The Federal Government is seeking a new $1.25bn loan from the World Bank to support investment reforms, job creation and economic competitiveness, amid growing concerns over Nigeria’s rising debt burden.
The proposed facility, known as Nigeria Actions for Investment and Jobs Acceleration, has advanced to a critical stage in the World Bank approval process and is scheduled for consideration by the lender’s Board of Executive Directors on June 26, 2026.
If approved, the facility would become one of the largest World Bank loans obtained under the administration of President Bola Tinubu, second only to the $1.5bn reform financing package approved in June 2024.
The fresh borrowing, estimated at about N1.70tn using the prevailing exchange rate of N1,361.4 to the dollar, comes as the Federal Government intensifies efforts to finance ongoing economic reforms and stimulate private sector growth.
Documents obtained from the World Bank showed that the proposed loan has moved beyond the appraisal stage and is currently at the decision meeting phase, where senior management reviews the final project package before it is forwarded for board approval.
The World Bank stated that the programme is aimed at supporting Nigeria’s efforts to improve access to finance, electricity and digital infrastructure, while also strengthening competitiveness through reforms in taxation, agriculture and trade.
The Federal Ministry of Finance is expected to oversee implementation of the programme.
Nigeria’s total external debt could rise from $51.86bn recorded at the end of December 2025 to about $53.11bn if the proposed facility is fully approved and disbursed. In naira terms, the country’s external debt stock would increase from N74.43tn to approximately N76.13tn.
Similarly, total public debt may climb from N159.28tn to about N160.98tn, further intensifying concerns over the sustainability of the country’s debt obligations.
The planned borrowing adds to a growing list of World Bank-backed programmes approved for Nigeria since Tinubu assumed office in 2023. Records show that the World Bank has approved about $9.35bn in loans and credits for Nigeria within the period, covering sectors such as healthcare, education, agriculture, social protection, energy and economic reforms.
Among the major approvals were the $2.25bn RESET and ARMOR reform support facilities approved in June 2024, as well as the $1.57bn HOPE and SPIN programmes approved in September 2024.
Another $1.08bn was approved in March 2025 for resilience and education-related projects.
Approval of the latest request would raise total World Bank commitments to Nigeria under the current administration to about $10.6bn.
Despite the inflow of multilateral financing, concerns remain over delays associated with the release of approved funds, as disbursements are usually tied to policy implementation benchmarks and reform conditions.
The Accountant-General of the Federation, Shamseldeen Ogunjimi, recently expressed dissatisfaction with the pace of approvals and disbursement by the World Bank.
During a meeting in Abuja with a World Bank delegation led by Treed Lane, Ogunjimi warned that Nigeria might reconsider future loan arrangements if processing delays persist beyond six months.

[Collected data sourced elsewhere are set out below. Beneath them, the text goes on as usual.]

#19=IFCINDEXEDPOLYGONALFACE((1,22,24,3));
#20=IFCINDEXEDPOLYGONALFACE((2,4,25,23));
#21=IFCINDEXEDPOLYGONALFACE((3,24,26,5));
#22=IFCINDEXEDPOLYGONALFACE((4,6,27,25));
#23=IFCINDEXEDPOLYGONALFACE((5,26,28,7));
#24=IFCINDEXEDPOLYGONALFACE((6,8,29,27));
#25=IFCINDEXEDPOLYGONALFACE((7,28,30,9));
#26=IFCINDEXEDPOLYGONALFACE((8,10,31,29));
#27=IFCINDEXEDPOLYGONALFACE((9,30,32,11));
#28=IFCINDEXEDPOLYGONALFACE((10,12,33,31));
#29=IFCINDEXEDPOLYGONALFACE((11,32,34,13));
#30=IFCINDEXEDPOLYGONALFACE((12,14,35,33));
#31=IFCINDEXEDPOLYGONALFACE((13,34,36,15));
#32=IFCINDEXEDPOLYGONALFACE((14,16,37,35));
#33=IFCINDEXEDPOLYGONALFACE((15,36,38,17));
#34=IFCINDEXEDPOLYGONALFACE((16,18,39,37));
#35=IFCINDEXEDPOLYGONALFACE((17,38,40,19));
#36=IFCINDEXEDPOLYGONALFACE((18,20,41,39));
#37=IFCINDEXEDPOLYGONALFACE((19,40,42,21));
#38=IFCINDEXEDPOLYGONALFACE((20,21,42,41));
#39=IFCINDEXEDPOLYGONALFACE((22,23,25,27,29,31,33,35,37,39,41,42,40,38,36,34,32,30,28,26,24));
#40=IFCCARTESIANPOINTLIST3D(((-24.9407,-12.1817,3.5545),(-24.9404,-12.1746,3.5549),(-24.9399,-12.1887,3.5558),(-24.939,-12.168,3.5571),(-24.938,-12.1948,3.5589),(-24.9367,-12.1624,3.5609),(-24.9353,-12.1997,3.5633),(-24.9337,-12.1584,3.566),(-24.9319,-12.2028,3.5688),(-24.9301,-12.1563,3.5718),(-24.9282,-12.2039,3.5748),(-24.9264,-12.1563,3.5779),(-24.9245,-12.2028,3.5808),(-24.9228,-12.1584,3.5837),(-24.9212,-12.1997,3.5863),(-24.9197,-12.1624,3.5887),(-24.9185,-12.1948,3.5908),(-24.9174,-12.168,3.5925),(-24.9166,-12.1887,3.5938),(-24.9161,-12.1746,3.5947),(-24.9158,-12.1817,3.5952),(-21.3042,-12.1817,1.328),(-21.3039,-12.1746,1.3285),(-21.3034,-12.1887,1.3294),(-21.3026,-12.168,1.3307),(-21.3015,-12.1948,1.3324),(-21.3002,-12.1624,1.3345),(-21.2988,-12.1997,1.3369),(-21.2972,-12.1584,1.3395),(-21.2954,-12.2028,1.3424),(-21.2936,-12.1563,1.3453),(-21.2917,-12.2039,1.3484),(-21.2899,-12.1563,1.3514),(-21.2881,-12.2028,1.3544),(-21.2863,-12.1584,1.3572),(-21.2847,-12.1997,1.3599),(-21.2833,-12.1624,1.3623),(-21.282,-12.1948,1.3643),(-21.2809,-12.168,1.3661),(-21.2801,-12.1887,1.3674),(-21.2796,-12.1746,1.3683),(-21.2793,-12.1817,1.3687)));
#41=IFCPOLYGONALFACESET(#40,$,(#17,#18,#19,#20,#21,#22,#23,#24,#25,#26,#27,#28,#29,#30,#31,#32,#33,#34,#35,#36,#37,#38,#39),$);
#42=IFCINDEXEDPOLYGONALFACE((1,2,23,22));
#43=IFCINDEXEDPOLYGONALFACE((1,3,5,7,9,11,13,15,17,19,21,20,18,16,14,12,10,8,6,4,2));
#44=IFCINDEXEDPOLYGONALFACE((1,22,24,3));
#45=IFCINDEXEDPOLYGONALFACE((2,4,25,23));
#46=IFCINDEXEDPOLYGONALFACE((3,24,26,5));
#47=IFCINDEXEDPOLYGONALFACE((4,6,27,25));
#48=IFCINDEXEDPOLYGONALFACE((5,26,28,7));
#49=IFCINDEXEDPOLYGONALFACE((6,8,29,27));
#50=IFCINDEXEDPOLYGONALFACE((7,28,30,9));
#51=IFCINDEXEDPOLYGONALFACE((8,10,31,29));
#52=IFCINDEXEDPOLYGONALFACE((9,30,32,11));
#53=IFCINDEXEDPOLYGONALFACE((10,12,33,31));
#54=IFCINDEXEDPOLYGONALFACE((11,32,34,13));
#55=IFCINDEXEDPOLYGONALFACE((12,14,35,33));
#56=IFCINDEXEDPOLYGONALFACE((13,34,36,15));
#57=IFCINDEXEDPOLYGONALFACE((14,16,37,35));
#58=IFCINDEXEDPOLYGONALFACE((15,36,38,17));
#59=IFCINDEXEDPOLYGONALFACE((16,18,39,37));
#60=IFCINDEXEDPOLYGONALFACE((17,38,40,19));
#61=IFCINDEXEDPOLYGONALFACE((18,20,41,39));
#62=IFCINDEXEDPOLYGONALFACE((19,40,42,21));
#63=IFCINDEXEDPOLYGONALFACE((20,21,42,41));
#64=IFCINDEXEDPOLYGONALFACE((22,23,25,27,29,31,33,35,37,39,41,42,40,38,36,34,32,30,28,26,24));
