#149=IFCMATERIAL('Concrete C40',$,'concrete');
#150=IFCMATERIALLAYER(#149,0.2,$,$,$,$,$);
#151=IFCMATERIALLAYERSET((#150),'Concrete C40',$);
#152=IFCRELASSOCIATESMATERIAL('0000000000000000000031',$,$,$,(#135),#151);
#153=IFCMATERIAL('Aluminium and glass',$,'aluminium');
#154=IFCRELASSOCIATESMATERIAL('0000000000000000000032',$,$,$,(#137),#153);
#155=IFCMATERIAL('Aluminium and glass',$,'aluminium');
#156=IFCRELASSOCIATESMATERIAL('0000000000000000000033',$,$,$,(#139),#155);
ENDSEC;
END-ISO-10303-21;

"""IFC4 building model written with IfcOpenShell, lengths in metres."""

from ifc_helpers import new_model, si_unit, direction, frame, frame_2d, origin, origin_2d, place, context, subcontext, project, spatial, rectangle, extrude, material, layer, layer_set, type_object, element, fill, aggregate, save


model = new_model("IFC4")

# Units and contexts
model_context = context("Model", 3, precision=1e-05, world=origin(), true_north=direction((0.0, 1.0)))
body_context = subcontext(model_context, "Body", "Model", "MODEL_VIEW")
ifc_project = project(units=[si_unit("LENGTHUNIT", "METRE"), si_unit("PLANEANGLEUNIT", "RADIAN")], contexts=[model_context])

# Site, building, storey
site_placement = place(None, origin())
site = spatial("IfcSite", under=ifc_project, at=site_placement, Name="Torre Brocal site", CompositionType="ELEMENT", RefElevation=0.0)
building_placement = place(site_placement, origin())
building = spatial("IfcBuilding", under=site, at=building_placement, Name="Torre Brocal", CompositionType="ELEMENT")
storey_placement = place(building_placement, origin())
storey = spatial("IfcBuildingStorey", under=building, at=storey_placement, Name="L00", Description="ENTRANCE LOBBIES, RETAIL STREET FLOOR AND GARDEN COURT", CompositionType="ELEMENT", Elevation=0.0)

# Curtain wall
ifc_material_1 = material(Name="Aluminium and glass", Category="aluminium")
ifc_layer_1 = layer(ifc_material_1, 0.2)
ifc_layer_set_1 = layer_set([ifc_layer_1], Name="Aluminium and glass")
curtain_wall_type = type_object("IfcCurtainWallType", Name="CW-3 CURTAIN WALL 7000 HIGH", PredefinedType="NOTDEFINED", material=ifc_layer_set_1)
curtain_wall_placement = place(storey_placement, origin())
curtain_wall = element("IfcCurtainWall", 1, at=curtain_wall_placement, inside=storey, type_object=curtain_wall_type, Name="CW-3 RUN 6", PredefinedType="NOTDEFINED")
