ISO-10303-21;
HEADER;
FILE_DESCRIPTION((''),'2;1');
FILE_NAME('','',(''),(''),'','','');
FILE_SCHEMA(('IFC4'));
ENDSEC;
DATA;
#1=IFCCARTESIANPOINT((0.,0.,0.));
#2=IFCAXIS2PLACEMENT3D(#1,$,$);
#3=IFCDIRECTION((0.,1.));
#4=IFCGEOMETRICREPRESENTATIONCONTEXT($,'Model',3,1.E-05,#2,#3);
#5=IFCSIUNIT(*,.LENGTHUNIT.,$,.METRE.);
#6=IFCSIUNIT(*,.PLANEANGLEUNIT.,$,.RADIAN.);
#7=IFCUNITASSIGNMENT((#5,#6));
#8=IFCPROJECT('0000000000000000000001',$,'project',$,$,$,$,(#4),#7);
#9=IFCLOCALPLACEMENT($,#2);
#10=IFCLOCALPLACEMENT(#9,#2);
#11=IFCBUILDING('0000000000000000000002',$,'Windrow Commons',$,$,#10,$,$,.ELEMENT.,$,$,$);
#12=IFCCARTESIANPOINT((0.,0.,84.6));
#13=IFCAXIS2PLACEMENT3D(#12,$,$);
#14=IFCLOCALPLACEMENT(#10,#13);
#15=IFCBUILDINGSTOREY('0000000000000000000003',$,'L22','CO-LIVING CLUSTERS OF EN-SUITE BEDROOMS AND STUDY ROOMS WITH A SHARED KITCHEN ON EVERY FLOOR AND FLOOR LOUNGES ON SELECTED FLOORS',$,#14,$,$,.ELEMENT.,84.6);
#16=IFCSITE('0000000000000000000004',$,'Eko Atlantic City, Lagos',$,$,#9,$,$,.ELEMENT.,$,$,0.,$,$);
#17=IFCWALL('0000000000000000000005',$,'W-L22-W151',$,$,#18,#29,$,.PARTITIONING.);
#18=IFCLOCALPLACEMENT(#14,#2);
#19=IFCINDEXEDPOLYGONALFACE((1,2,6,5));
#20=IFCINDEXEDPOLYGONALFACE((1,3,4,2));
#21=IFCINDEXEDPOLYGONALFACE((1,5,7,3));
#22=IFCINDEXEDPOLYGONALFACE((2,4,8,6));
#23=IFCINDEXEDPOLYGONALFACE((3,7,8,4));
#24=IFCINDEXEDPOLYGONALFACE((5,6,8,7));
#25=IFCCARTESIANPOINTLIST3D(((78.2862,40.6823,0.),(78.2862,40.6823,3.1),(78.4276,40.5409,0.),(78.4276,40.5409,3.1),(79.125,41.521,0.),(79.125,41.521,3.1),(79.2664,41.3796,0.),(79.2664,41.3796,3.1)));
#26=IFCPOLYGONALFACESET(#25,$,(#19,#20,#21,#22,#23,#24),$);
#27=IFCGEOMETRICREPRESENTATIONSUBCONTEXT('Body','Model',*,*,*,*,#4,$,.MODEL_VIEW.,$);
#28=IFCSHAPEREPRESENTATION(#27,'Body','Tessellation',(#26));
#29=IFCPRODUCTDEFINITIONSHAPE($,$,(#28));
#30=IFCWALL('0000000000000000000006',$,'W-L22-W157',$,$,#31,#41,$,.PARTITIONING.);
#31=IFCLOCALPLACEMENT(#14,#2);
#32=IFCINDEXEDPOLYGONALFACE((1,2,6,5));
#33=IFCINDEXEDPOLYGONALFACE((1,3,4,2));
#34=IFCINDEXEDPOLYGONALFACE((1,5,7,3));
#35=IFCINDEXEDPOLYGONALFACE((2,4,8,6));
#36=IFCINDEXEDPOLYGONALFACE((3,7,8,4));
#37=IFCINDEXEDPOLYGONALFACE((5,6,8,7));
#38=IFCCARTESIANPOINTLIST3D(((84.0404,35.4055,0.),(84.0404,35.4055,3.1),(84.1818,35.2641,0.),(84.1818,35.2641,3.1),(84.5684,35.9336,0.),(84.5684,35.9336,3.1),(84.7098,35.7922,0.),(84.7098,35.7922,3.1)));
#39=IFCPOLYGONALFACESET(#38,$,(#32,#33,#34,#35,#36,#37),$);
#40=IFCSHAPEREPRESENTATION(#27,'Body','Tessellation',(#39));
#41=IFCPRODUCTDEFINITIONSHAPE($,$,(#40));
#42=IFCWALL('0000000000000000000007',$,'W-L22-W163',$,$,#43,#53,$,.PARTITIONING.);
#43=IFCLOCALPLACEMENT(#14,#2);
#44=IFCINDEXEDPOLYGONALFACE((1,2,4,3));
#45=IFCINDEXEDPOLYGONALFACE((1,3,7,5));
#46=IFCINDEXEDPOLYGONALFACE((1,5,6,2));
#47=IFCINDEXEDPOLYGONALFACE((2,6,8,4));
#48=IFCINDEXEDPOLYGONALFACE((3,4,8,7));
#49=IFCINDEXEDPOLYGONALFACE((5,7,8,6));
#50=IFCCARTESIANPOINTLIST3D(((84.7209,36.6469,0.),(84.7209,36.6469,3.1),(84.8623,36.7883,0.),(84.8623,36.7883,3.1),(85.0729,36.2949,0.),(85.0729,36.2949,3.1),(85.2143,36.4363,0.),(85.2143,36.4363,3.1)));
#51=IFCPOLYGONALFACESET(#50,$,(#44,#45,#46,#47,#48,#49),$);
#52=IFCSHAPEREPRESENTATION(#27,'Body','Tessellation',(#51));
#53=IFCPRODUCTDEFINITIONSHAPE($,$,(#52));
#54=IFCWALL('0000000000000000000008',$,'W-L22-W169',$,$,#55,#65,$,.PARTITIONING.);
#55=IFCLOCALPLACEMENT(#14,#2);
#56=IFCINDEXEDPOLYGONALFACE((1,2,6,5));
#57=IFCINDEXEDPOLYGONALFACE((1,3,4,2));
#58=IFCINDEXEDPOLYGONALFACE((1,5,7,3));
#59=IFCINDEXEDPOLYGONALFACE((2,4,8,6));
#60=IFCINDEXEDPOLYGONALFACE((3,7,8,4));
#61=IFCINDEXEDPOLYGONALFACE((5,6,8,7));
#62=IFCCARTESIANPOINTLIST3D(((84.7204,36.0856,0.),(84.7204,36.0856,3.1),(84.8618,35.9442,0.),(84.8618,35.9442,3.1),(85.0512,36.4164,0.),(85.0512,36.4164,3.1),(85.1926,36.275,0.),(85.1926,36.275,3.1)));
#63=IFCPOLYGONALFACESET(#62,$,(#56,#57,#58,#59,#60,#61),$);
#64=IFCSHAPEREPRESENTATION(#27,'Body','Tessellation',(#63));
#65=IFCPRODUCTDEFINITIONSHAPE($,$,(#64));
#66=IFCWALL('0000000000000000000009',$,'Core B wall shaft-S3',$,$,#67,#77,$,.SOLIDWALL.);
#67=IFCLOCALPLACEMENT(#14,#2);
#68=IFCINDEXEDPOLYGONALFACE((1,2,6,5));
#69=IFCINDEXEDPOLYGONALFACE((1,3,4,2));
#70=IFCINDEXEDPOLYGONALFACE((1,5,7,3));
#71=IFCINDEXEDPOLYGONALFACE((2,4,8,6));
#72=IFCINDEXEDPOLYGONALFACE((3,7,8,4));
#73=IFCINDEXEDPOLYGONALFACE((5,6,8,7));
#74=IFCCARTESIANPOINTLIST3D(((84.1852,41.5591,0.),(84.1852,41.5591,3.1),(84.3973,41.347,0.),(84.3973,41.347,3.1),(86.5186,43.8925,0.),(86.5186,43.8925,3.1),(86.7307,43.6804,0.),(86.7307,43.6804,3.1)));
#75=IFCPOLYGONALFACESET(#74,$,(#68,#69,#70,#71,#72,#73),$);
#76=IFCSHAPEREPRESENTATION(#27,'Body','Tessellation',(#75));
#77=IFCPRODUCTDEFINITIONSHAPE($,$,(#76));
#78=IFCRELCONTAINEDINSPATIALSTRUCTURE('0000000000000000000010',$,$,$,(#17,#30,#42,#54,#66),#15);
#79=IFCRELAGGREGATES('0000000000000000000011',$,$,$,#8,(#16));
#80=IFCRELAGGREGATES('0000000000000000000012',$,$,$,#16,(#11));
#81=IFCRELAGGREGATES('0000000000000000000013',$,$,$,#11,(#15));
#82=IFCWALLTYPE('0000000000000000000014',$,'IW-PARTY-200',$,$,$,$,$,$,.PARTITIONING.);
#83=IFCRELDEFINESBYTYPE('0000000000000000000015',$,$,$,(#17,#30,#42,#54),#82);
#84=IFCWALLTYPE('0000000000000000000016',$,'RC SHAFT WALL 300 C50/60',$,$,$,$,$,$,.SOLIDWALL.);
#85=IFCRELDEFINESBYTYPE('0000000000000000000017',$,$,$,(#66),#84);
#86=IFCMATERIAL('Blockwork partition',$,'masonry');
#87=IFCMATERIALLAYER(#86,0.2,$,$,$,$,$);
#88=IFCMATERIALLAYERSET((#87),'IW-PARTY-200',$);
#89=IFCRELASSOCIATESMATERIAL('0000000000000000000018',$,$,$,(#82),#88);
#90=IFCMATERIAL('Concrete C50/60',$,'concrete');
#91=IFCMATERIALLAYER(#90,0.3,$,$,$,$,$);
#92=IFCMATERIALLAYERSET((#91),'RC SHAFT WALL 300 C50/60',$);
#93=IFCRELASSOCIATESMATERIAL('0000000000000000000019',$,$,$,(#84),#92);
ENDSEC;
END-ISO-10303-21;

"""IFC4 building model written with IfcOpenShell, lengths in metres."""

from ifc_helpers import new_model, si_unit, direction, frame, frame_2d, origin, place, context, subcontext, project, spatial, rectangle, extrude, material, layer, layer_set, type_object, element, save


model = new_model("IFC4")

# Units and contexts
model_context = context("Model", 3, precision=1e-05, world=origin(), true_north=direction((0.0, 1.0)))
body_context = subcontext(model_context, "Body", "Model", "MODEL_VIEW")
ifc_project = project(units=[si_unit("LENGTHUNIT", "METRE"), si_unit("PLANEANGLEUNIT", "RADIAN")], contexts=[model_context])

# Site, building, storey
site_placement = place(None, origin())
site = spatial("IfcSite", under=ifc_project, at=site_placement, Name="Eko Atlantic City, Lagos", CompositionType="ELEMENT", RefElevation=0.0)
building_placement = place(site_placement, origin())
building = spatial("IfcBuilding", under=site, at=building_placement, Name="Windrow Commons", CompositionType="ELEMENT")
storey_placement = place(building_placement, frame((0.0, 0.0, 84.6)))
storey = spatial("IfcBuildingStorey", under=building, at=storey_placement, Name="L22", Description="CO-LIVING CLUSTERS OF EN-SUITE BEDROOMS AND STUDY ROOMS WITH A SHARED KITCHEN ON EVERY FLOOR AND FLOOR LOUNGES ON SELECTED FLOORS", CompositionType="ELEMENT", Elevation=84.6)

# Walls
ifc_material_1 = material(Name="Blockwork partition", Category="masonry")
ifc_layer_1 = layer(ifc_material_1, 0.2)
ifc_layer_set_1 = layer_set([ifc_layer_1], Name="IW-PARTY-200")
wall_type_1 = type_object("IfcWallType", Name="IW-PARTY-200", PredefinedType="PARTITIONING", material=ifc_layer_set_1)
wall_1_placement = place(storey_placement, frame((78.3569, 40.6116, 0.0), z_axis=(0.0, 0.0, 1.0), x_axis=(0.707149, 0.707065, 0.0)))
element("IfcWall", 1, at=wall_1_placement, inside=storey, type_object=wall_type_1, Name="W-L22-W151", PredefinedType="PARTITIONING", context=body_context, shape_type="SweptSolid", body=[
    extrude(rectangle(XDim=1.1862, YDim=0.2, at=frame_2d((0.5931, 0.0))), origin(), (0.0, 0.0, 1.0), 3.1),
])
wall_2_placement = place(storey_placement, frame((84.1111, 35.3348, 0.0), z_axis=(0.0, 0.0, 1.0), x_axis=(0.70704, 0.707174, 0.0)))
element("IfcWall", 2, at=wall_2_placement, inside=storey, type_object=wall_type_1, Name="W-L22-W157", PredefinedType="PARTITIONING", context=body_context, shape_type="SweptSolid", body=[
    extrude(rectangle(XDim=0.7468, YDim=0.2, at=frame_2d((0.3734, 0.0))), origin(), (0.0, 0.0, 1.0), 3.1),
])
wall_3_placement = place(storey_placement, frame((84.7916, 36.7176, 0.0), z_axis=(0.0, 0.0, 1.0), x_axis=(0.707107, -0.707107, 0.0)))
element("IfcWall", 3, at=wall_3_placement, inside=storey, type_object=wall_type_1, Name="W-L22-W163", PredefinedType="PARTITIONING", context=body_context, shape_type="SweptSolid", body=[
    extrude(rectangle(XDim=0.4978, YDim=0.2, at=frame_2d((0.2489, 0.0))), origin(), (0.0, 0.0, 1.0), 3.1),
])
wall_4_placement = place(storey_placement, frame((84.7911, 36.0149, 0.0), z_axis=(0.0, 0.0, 1.0), x_axis=(0.707107, 0.707107, 0.0)))
element("IfcWall", 4, at=wall_4_placement, inside=storey, type_object=wall_type_1, Name="W-L22-W169", PredefinedType="PARTITIONING", context=body_context, shape_type="SweptSolid", body=[
    extrude(rectangle(XDim=0.4678, YDim=0.2, at=frame_2d((0.2339, 0.0))), origin(), (0.0, 0.0, 1.0), 3.1),
])
ifc_material_2 = material(Name="Concrete C50/60", Category="concrete")
ifc_layer_2 = layer(ifc_material_2, 0.3)
ifc_layer_set_2 = layer_set([ifc_layer_2], Name="RC SHAFT WALL 300 C50/60")
wall_type_2 = type_object("IfcWallType", Name="RC SHAFT WALL 300 C50/60", PredefinedType="SOLIDWALL", material=ifc_layer_set_2)
wall_5_placement = place(storey_placement, frame((84.2912, 41.453, 0.0), z_axis=(0.0, 0.0, 1.0), x_axis=(0.707107, 0.707107, 0.0)))
element("IfcWall", 5, at=wall_5_placement, inside=storey, type_object=wall_type_2, Name="Core B wall shaft-S3", PredefinedType="SOLIDWALL", context=body_context, shape_type="SweptSolid", body=[
    extrude(rectangle(XDim=3.2999, YDim=0.3, at=frame_2d((1.65, 0.0))), origin(), (0.0, 0.0, 1.0), 3.1),
])

save(model, "model.ifc")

According to him, lengthy approval timelines could disrupt project implementation and weaken the government’s development agenda.
Responding to concerns over delayed funding, the World Bank’s Senior External Affairs Officer, Mansir Nasir, explained that disbursement of project funds is usually done in phases and depends on the structure and implementation status of each programme.
Meanwhile, figures from the Debt Management Office showed that Nigeria’s debt exposure to the World Bank rose from $17.81bn in 2024 to $19.89bn in 2025, representing an increase of about $2.08bn within one year.
The increase was driven largely by rising obligations to the International Development Association, which grew from $16.56bn to $18.51bn, while debts owed to the International Bank for Reconstruction and Development also increased from $1.24bn to $1.38bn.
The World Bank currently accounts for more than 38 per cent of Nigeria’s total external debt stock.
The proposed facility is also expected to complement ongoing intervention programmes, including FINCLUDE, BRIDGE, AGROW, ARMOR and DARES, which are aimed at expanding economic opportunities and improving productivity across key sectors of the economy.